If ICO2N is still estimating that it costs $70 to $250 per tonne to capture carbon, and the province of Saskatchewan is apparently only receiving $20 per tonne for its captured carbon that is subsequently used for nearby enhanced oil recovery efforts, this suggests the province's taxpayers are losing anywhere from $50 to $230 per tonne (e.g., $50 to $230 million annually since the Boundary Dam plant captures one million tonnes per year) on the carbon capture project. No wonder electricity prices are skyrocketing. Ratepayers will need to cover any such financial shortfalls.
Some perspective required. In 2012, the U.S. emitted "5,400 million metric tons" of carbon dioxide. If your price on carbon per tonne "ranges from $70 to $250," that equates to a carbon tax cost of $378 billion to $1.35 trillion per year, or up to nearly 10 percent of the USA's annual GDP. Capturing only a small proportion of total U.S. emissions each year is still a massive tax.

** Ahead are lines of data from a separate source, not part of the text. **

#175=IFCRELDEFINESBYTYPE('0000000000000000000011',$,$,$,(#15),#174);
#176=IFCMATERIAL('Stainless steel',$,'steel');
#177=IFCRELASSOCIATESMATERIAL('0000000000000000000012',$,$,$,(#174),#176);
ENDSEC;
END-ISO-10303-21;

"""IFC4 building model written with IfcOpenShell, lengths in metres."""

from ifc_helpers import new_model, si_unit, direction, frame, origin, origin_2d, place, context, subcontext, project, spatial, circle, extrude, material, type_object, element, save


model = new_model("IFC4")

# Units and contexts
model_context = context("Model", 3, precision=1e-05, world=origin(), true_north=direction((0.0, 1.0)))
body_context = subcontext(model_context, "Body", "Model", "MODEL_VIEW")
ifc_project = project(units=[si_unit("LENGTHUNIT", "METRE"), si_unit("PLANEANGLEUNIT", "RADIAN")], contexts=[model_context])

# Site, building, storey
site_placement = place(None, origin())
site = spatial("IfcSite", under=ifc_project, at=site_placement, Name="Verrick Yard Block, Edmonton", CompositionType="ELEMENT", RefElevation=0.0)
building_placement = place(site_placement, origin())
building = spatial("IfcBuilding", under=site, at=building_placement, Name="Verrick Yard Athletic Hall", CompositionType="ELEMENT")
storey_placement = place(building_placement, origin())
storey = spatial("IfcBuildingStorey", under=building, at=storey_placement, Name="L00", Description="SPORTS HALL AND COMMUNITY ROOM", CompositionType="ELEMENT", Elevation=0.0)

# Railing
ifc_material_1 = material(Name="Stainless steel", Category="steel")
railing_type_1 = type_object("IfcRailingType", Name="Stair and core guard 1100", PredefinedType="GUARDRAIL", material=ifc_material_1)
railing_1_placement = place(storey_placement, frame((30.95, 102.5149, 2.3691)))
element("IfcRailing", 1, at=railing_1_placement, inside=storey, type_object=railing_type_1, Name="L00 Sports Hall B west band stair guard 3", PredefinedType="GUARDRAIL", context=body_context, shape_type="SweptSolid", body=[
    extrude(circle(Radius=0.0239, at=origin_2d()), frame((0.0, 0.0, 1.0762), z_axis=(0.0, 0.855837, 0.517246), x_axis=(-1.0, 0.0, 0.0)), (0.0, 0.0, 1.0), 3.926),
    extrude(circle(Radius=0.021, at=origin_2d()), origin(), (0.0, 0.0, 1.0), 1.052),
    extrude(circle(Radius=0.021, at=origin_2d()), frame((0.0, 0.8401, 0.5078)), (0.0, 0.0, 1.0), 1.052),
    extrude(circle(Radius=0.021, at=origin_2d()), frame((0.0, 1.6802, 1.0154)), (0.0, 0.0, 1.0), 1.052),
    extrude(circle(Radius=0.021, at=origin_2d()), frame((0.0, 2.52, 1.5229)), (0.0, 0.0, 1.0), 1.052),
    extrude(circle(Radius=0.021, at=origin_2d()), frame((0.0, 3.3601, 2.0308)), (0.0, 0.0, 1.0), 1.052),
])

Even advocates for climate change mitigation don't hide the fact that "carbon capture raises power plant costs by requiring capital investment in carbon capture equipment and by reducing the quantity of useful electricity. Additional generation capacity is needed at a power plant to power capture equipment, and incorporating CCS [carbon capture and storage] at a power plant could decrease its net power output by as much 30 percent. Overall, in 2010, the U.S. Department of Energy and the National Energy Technology Laboratory estimated that 'CCS technologies would add around 80 percent to the cost of electricity for a new pulverized coal plant, and around 35 percent to the cost of electricity for a new advanced gasification-based plant.'" Energy cost increases of 35 to 80 percent will have a major negative impact on economic growth.
There is a broad literature on the high costs of carbon capture, and it is currently unclear -- and not getting clearer over time -- whether it is more economical to (1) continue using fossil fuels but capture the carbon emissions or (2) move almost entirely over to low carbon (e.g., nuclear) and renewable energy sources. Both these options, of course, assume that your goal is to reduce carbon dioxide emissions, and that you are seeking the least costly means of doing so. But make no mistake about it: both options will be very costly, will dramatically increase the cost of energy, and will harm the economy.
The following third option is the one I prefer: until it becomes unambiguously clear that anthropogenic greenhouse gas emissions are exerting a net negative cost on society, do nothing and continue with business as usual.